{Investigation} Different file sizes for dumps
Closed, ResolvedPublicBUG REPORT
Actions

Assigned To

Authored By

	REsquito-WMF
	Aug 29 2023, 3:02 PM

Description

Looks like we are missing data in our eowiki namespace 0 dumps, we need to figure out the root cause. More information can be found here: https://meta.wikimedia.org/wiki/Talk:Wikimedia_Enterprise#Esperanto_(eowiki-NS0)_and_Aragonese_(anwiki-NS0)_Wikipedia_problem.
For the context: our dumps are mirrored to https://dumps.wikimedia.org/ twice a month, they can be found here https://dumps.wikimedia.org/other/enterprise_html/runs/.

Acceptance criteria

*Figure out the root cause
*Create a ticket for the solution (if the root cause was identified)
*Communicate the findings back to the Talk page

Developer Notes

Same issue showing up in enwiktionary:

file sizes from the most recent enwiktionary HTML dumps (NS0):

20230701: 13 GB
20230720: 7.1 GB
20230801: 1.1 GB
20230820: 4.6 GB
20230901: 7.2 GB
20230920: 3 GB
20231001: 5 GB
20231020: 2.9 GB
20231101: 3.0 GB
20231120: 3.2 GB
20231201: 3.5 GB
20231220: 3.8 GB
20240120: 9.6 GB
20240201: 9.6 GB
20240220: 9.6 GB
20240301: 9.6 GB
20240320: 10.0 GB

something's going really wrong there.

Related Objects
Search...

Status	Subtype	Assigned	Task
Open	BUG REPORT	None	T305407 Stale data / missing pages in HTML ("enterprise")
Open		None	T353771 Calculate baseline reference metrics
Resolved	BUG REPORT	REsquito-WMF	T345176 {Investigation} Different file sizes for dumps
Open		None	T348100 Request: changelog for Enterprise API HTML dumps

Event Timeline

REsquito-WMF created this task.Aug 29 2023, 3:02 PM

REsquito-WMF moved this task from Incoming to To Be Estimated/To Be Discussed on the Wikimedia Enterprise board.Aug 29 2023, 3:05 PM

REsquito-WMF updated the task description. (Show Details)Aug 29 2023, 3:10 PM

ArielGlenn moved this task from Backlog to Other teams on the Dumps-Generation board.Aug 31 2023, 10:01 AM

Weirdly, there seems to be less variation in filesizes for Wikipedia dumps:

wikipedia

wiktionary

wikisource

wikivoyage

jberkel updated the task description. (Show Details)Sep 20 2023, 3:07 PM

Any idea why this would affect primarily non-wikipedia instances? Is the code which generates these dumps available somewhere?

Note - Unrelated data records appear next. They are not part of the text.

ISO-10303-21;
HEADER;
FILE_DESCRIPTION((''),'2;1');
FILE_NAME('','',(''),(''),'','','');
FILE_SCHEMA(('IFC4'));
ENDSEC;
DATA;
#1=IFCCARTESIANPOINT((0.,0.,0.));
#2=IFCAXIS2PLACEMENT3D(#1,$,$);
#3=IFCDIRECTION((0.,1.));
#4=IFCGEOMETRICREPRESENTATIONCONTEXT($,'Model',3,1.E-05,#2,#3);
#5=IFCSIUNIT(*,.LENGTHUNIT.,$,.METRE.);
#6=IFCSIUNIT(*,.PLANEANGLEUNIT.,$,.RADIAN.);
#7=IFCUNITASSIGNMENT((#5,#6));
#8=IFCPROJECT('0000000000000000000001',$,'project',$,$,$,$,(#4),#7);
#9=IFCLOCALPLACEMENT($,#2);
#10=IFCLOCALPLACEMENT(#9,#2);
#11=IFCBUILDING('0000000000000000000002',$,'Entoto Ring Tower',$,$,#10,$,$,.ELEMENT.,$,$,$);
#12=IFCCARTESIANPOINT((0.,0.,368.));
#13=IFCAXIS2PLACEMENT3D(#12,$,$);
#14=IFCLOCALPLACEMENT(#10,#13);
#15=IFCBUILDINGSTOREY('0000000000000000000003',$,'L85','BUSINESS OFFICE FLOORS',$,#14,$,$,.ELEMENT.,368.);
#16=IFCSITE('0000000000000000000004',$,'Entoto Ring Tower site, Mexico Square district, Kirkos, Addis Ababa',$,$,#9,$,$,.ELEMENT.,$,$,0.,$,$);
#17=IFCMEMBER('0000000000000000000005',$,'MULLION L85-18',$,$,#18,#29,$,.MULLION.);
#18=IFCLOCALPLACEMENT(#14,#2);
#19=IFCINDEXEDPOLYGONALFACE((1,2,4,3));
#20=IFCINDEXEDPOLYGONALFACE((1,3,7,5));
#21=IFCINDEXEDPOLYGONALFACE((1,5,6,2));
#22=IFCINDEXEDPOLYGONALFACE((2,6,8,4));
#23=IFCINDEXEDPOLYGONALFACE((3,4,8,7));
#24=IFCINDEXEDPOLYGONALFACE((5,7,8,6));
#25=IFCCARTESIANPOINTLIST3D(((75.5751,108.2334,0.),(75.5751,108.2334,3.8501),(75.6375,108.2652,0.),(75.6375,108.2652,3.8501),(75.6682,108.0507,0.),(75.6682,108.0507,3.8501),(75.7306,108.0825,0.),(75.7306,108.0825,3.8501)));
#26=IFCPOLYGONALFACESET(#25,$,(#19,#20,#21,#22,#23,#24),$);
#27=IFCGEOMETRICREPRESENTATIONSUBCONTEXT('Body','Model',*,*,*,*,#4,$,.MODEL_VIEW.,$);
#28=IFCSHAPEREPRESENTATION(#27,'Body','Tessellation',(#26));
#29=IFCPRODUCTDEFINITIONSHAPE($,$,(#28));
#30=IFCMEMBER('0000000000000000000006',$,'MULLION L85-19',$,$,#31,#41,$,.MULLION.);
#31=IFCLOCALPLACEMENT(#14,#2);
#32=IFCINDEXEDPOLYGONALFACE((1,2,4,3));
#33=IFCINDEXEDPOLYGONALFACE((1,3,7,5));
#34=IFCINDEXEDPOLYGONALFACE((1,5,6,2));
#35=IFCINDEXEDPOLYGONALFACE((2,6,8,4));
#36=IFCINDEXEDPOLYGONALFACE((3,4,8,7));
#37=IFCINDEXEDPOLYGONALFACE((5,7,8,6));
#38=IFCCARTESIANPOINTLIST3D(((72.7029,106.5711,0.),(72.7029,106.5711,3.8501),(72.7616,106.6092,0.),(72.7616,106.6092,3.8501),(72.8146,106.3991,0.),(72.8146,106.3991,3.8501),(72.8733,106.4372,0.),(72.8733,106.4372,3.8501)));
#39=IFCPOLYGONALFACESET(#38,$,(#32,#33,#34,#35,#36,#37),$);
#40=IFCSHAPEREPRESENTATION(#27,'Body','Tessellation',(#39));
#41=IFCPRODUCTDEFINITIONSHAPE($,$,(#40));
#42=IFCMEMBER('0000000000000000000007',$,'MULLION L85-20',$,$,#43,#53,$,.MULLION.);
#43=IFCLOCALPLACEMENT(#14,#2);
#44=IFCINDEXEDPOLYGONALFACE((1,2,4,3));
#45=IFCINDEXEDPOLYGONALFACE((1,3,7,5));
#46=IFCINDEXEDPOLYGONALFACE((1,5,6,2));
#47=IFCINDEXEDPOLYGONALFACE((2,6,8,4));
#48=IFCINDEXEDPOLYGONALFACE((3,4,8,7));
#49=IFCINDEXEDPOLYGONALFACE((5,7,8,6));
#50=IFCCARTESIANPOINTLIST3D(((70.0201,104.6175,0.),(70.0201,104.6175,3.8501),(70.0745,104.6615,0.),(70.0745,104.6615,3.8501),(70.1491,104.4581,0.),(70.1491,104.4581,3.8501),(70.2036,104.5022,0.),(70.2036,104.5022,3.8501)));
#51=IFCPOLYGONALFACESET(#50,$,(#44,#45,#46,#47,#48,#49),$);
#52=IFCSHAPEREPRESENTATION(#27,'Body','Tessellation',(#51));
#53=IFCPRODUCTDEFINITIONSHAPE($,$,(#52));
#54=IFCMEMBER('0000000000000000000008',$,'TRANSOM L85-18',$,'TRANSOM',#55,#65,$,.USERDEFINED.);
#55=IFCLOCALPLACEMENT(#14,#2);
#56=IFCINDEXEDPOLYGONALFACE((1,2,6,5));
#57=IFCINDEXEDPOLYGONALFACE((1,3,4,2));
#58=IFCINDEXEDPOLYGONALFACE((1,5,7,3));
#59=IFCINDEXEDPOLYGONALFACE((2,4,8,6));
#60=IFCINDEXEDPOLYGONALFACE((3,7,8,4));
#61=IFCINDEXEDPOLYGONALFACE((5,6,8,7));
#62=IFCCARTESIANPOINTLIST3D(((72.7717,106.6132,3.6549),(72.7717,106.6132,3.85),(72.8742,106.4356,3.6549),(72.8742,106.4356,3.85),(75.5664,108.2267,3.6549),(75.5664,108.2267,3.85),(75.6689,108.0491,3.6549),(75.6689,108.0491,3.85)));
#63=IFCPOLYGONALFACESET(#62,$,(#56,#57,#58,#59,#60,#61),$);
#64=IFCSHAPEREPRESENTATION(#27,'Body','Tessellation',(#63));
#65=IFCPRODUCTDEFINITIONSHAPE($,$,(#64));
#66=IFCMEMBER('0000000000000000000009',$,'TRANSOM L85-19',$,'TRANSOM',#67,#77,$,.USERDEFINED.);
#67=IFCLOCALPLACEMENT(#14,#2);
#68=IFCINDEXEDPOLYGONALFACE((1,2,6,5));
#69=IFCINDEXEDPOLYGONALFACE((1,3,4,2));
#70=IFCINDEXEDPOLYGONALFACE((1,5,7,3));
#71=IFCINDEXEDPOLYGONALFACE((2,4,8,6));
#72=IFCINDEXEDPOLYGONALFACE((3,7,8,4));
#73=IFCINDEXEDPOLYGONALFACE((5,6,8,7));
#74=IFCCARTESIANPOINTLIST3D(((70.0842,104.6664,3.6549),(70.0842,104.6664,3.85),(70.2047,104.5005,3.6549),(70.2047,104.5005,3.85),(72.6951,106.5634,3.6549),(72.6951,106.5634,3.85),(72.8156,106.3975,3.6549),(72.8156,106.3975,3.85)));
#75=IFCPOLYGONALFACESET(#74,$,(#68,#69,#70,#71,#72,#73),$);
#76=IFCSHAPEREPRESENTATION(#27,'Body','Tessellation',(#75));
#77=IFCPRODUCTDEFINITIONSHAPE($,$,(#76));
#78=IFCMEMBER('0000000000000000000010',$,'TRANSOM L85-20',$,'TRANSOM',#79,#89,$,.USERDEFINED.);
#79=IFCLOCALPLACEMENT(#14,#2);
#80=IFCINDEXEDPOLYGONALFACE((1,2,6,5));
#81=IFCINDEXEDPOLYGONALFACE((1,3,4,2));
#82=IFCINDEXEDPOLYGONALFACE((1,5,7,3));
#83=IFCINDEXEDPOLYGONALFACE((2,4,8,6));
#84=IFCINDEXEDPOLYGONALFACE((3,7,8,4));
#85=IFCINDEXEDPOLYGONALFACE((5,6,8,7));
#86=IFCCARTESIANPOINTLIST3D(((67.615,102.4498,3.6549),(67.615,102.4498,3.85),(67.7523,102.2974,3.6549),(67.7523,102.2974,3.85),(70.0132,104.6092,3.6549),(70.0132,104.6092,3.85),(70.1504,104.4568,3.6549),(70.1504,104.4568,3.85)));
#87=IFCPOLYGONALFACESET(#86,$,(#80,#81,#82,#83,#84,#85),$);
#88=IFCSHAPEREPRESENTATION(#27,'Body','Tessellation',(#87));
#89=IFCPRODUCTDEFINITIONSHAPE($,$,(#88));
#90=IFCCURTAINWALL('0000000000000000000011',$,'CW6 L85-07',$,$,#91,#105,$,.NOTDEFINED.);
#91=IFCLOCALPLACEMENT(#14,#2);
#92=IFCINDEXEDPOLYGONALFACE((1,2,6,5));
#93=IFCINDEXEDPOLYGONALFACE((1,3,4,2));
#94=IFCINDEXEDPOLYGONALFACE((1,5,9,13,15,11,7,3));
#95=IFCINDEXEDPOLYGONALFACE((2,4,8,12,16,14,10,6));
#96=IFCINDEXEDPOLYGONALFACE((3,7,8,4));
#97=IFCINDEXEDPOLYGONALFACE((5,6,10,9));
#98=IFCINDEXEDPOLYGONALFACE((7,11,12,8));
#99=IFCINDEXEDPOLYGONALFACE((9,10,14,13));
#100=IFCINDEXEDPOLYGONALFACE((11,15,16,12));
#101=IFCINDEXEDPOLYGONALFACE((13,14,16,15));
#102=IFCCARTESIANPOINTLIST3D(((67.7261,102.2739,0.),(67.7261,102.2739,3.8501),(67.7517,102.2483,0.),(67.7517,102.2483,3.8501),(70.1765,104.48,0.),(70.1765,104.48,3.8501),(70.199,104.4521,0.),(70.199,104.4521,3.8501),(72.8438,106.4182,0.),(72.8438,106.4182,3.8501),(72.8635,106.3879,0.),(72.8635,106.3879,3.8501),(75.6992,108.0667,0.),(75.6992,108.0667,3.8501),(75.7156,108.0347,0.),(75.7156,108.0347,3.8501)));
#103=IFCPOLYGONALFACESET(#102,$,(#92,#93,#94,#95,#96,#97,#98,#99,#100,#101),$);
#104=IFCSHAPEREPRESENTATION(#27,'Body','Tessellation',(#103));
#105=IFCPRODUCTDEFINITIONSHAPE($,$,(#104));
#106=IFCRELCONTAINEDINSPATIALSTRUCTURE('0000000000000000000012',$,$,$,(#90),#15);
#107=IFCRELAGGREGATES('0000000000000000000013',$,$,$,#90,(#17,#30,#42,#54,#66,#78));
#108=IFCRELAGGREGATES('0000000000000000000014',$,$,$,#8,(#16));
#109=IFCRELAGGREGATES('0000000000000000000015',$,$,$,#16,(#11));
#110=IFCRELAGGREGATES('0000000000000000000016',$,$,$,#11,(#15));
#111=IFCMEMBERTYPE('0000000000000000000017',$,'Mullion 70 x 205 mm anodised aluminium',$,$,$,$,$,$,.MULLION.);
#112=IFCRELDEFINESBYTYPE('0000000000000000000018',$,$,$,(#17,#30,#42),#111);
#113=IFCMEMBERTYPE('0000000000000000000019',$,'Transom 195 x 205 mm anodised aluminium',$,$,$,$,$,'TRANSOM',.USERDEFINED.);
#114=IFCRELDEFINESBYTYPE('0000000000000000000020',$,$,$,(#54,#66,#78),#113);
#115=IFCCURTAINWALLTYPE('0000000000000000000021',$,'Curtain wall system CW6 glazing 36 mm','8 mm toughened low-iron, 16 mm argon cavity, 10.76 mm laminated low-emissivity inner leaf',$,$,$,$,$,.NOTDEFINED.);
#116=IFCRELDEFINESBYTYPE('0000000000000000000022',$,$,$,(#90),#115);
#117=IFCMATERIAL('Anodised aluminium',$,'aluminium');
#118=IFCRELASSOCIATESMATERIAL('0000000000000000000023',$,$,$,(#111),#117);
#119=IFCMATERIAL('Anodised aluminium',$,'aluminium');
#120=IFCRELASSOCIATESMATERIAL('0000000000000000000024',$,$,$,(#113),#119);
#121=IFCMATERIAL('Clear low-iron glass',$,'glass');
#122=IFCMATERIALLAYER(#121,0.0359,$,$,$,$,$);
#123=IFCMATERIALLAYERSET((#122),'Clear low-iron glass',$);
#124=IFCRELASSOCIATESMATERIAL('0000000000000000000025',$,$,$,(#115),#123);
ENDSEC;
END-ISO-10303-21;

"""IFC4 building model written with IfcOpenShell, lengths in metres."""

from ifc_helpers import new_model, si_unit, direction, frame, origin, origin_2d, place, context, subcontext, project, spatial, polyline, rectangle, outline, extrude, material, layer, layer_set, material_profile, profile_set, type_object, element, aggregate, save


model = new_model("IFC4")

# Units and contexts
model_context = context("Model", 3, precision=1e-05, world=origin(), true_north=direction((0.0, 1.0)))
body_context = subcontext(model_context, "Body", "Model", "MODEL_VIEW")
ifc_project = project(units=[si_unit("LENGTHUNIT", "METRE"), si_unit("PLANEANGLEUNIT", "RADIAN")], contexts=[model_context])

# Members
ifc_material_1 = material(Name="Anodised aluminium", Category="aluminium")
ifc_material_profile_1 = material_profile(ifc_material_1, rectangle(XDim=0.0701, YDim=0.2051, at=origin_2d()), Name="Mullion 70 x 205 mm anodised aluminium")
ifc_profile_set_1 = profile_set([ifc_material_profile_1], Name="Anodised aluminium")
member_type_1 = type_object("IfcMemberType", Name="Mullion 70 x 205 mm anodised aluminium", PredefinedType="MULLION", material=ifc_profile_set_1)
site_placement = place(None, origin())
building_placement = place(site_placement, origin())
storey_placement = place(building_placement, frame((0.0, 0.0, 368.0)))
member_1_placement = place(storey_placement, frame((75.6528, 108.158, 0.0), z_axis=(0.0, 0.0, 1.0), x_axis=(-0.891007, -0.45399, 0.0)))
member_1 = element("IfcMember", 1, at=member_1_placement, type_object=member_type_1, Name="MULLION L85-18", PredefinedType="MULLION", context=body_context, shape_type="SweptSolid", body=[
    extrude(rectangle(XDim=0.0701, YDim=0.2051, at=origin_2d()), origin(), (0.0, 0.0, 1.0), 3.8501),
])
member_2_placement = place(storey_placement, frame((72.7881, 106.5042, 0.0), z_axis=(0.0, 0.0, 1.0), x_axis=(-0.838671, -0.544639, 0.0)))
member_2 = element("IfcMember", 2, at=member_2_placement, type_object=member_type_1, Name="MULLION L85-19", PredefinedType="MULLION", context=body_context, shape_type="SweptSolid", body=[
    extrude(rectangle(XDim=0.0701, YDim=0.2051, at=origin_2d()), origin(), (0.0, 0.0, 1.0), 3.8501),
])
member_3_placement = place(storey_placement, frame((70.1118, 104.5598, 0.0), z_axis=(0.0, 0.0, 1.0), x_axis=(-0.777146, -0.62932, 0.0)))
member_3 = element("IfcMember", 3, at=member_3_placement, type_object=member_type_1, Name="MULLION L85-20", PredefinedType="MULLION", context=body_context, shape_type="SweptSolid", body=[
    extrude(rectangle(XDim=0.0701, YDim=0.2051, at=origin_2d()), origin(), (0.0, 0.0, 1.0), 3.8501),
])
ifc_material_2 = material(Name="Anodised aluminium", Category="aluminium")
ifc_material_profile_2 = material_profile(ifc_material_2, rectangle(XDim=0.2051, YDim=0.1951, at=origin_2d()), Name="Transom 195 x 205 mm anodised aluminium")
ifc_profile_set_2 = profile_set([ifc_material_profile_2], Name="Anodised aluminium")
member_type_2 = type_object("IfcMemberType", Name="Transom 195 x 205 mm anodised aluminium", ElementType="TRANSOM", PredefinedType="USERDEFINED", material=ifc_profile_set_2)
member_4_placement = place(storey_placement, frame((75.6177, 108.1379, 3.7524), z_axis=(-0.866023, -0.500004, 0.0), x_axis=(0.500004, -0.866023, 0.0)))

awight added a subtask: T348100: Request: changelog for Enterprise API HTML dumps.Oct 4 2023, 6:30 AM

jberkel updated the task description. (Show Details)Oct 4 2023, 8:04 AM

More suspicious file sizes:
19G /mnt/nfs/dumps-clouddumps1001.wikimedia.org/other/enterprise_html/runs/20230720/dewiki-NS0-20230720-ENTERPRISE-HTML.json.tar.gz
32G /mnt/nfs/dumps-clouddumps1001.wikimedia.org/other/enterprise_html/runs/20230920/dewiki-NS0-20230920-ENTERPRISE-HTML.json.tar.gz

The 2023-07-20 file seems to have been 700k or so rows short. ~~The 2023-09-20 file seems to be truncated, I keep running into a malformed stream error while processing.~~

Tobi_WMDE_SW subscribed.Oct 5 2023, 11:09 AM

Some random guessing: perhaps the error handling code is borked, and it just finishes the dump and closes the file (without erroring the process)? But why then would so many repositories hit errors at the same time? All the 7-20 dumps seem to be affected, maybe some site-wide network/server problems which weren't handled properly?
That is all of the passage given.